1. Identify Where Agentic AI Adds Unique Value

Rather than defaulting to classic automation, I focused on a pain point—extracting structured data from semi-structured receipts with highly variable layouts—where LLMs and multi-agent systems can truly outperform traditional rule-based solutions. This would be similar to invoice or other business document parsing and identification.

2. Start Lean, Validate Early, and Measure Objectively

Inspired by agentic PM best practices, I started with a rapid prototype (n8n + web UI) to prove feasibility and create a working concept without utilizing engineering resources. Afterwards, I created a “golden set” of real receipts and hand-labeled outputs to move beyond guesswork and ensure that every model, prompt, and system change was measured objectively. This allowed rapid iteration, confidence in improvements, and a reliable baseline for scaling complexity.

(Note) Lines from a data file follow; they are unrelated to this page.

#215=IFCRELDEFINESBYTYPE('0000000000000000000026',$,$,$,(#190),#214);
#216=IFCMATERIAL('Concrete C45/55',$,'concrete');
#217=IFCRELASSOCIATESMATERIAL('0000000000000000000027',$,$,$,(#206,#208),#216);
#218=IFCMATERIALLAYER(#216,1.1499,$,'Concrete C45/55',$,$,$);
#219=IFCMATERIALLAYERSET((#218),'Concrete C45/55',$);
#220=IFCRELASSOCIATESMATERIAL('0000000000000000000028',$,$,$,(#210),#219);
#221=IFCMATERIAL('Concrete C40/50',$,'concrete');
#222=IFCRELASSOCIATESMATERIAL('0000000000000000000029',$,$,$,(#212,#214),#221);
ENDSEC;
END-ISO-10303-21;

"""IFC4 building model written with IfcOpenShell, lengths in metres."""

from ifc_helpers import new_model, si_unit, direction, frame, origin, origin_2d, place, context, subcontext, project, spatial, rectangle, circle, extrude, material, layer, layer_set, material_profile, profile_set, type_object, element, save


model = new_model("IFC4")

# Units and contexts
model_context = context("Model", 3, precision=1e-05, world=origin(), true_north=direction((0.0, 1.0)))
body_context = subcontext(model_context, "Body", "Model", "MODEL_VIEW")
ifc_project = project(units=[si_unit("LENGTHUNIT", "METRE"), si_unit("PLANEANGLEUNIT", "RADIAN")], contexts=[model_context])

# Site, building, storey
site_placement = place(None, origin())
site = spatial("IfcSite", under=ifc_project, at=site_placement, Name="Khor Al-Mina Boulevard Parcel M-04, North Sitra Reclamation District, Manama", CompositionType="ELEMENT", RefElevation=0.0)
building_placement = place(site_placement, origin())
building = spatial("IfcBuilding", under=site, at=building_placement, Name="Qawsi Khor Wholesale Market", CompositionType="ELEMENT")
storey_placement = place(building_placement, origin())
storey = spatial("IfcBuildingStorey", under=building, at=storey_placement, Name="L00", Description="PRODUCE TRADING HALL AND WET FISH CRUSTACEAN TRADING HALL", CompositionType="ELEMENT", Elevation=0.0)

3. Decompose the Solution into Agents and Guardrails

Rather than building a monolith, I architected the system as a set of collaborating agents (Parserator, Metador, Namer, Tagger) - each with a specific goal and instructions, orchestrated for division of labor and extensibility. At each hand-off, schema validation and system message rules (“guardrails”) ensured reliability—a core lesson from agentic frameworks. This agentic structure made it possible to adapt, improve, and debug each part independently.

4. Prioritize Metrics, Responsible AI, and UX from the Start

Guided by frameworks like “North Star metrics,” “HHH” (Helpful, Honest, Harmless), and guardrail evaluation, I built the stack to capture real metrics—accuracy, error rates, latency, cost—early and often. This data-driven rigor enabled systematic improvement and transparent, user-centric iteration. Responsible AI was not an afterthought: Human-in-the-loop review, error handling, and clear user feedback channels were prioritized throughout—even though the stakes are low, user trust and data correctness remain essential

5. Roadmap and Scope with Focus

Following the agentic PM advice to “validate riskiest assumptions first,” I narrowed initial scope to core extraction and verification flows. As confidence and capability grew, I incrementally added advanced features (RAG, memory, analytics dashboard), always measuring value added and complexity introduced.

6. Bridge Classic and Agentic PM

This project fused classic PM discipline—clear goals, user empathy, iterative design—with agentic AI PM’s focus on modular agents, systematic evaluation, and robust guardrails. The result was not just a “smarter” feature but a robust, extensible, and differentiated product.

GroceryBot is proof that applying agentic AI PM—layered with classic product craft—can turn even a “messy data” problem into a robust, user-centered solution.

Tools and Technologies

Productivity: Trello (custom automations)

UI Design: Adobe Fresco + Storybook

Front End: React (Dockerized), Storybook (Component Dev & Docs)

Back End: Python, Flask, LangChain (Dockerized)

AI/LLM: OpenAI API, Retrieval-Augmented Generation (RAG), ChromaDB

Testing/Quality: Jest & pytest (Unit & Integration testing)

Dashboards/Analytics: Metabase (Dockerized)

Workflow Automation (Concept): n8n

Video Demo

The receipt processing still takes a while - but the more items are added to the vector database for each store the faster the process becomes.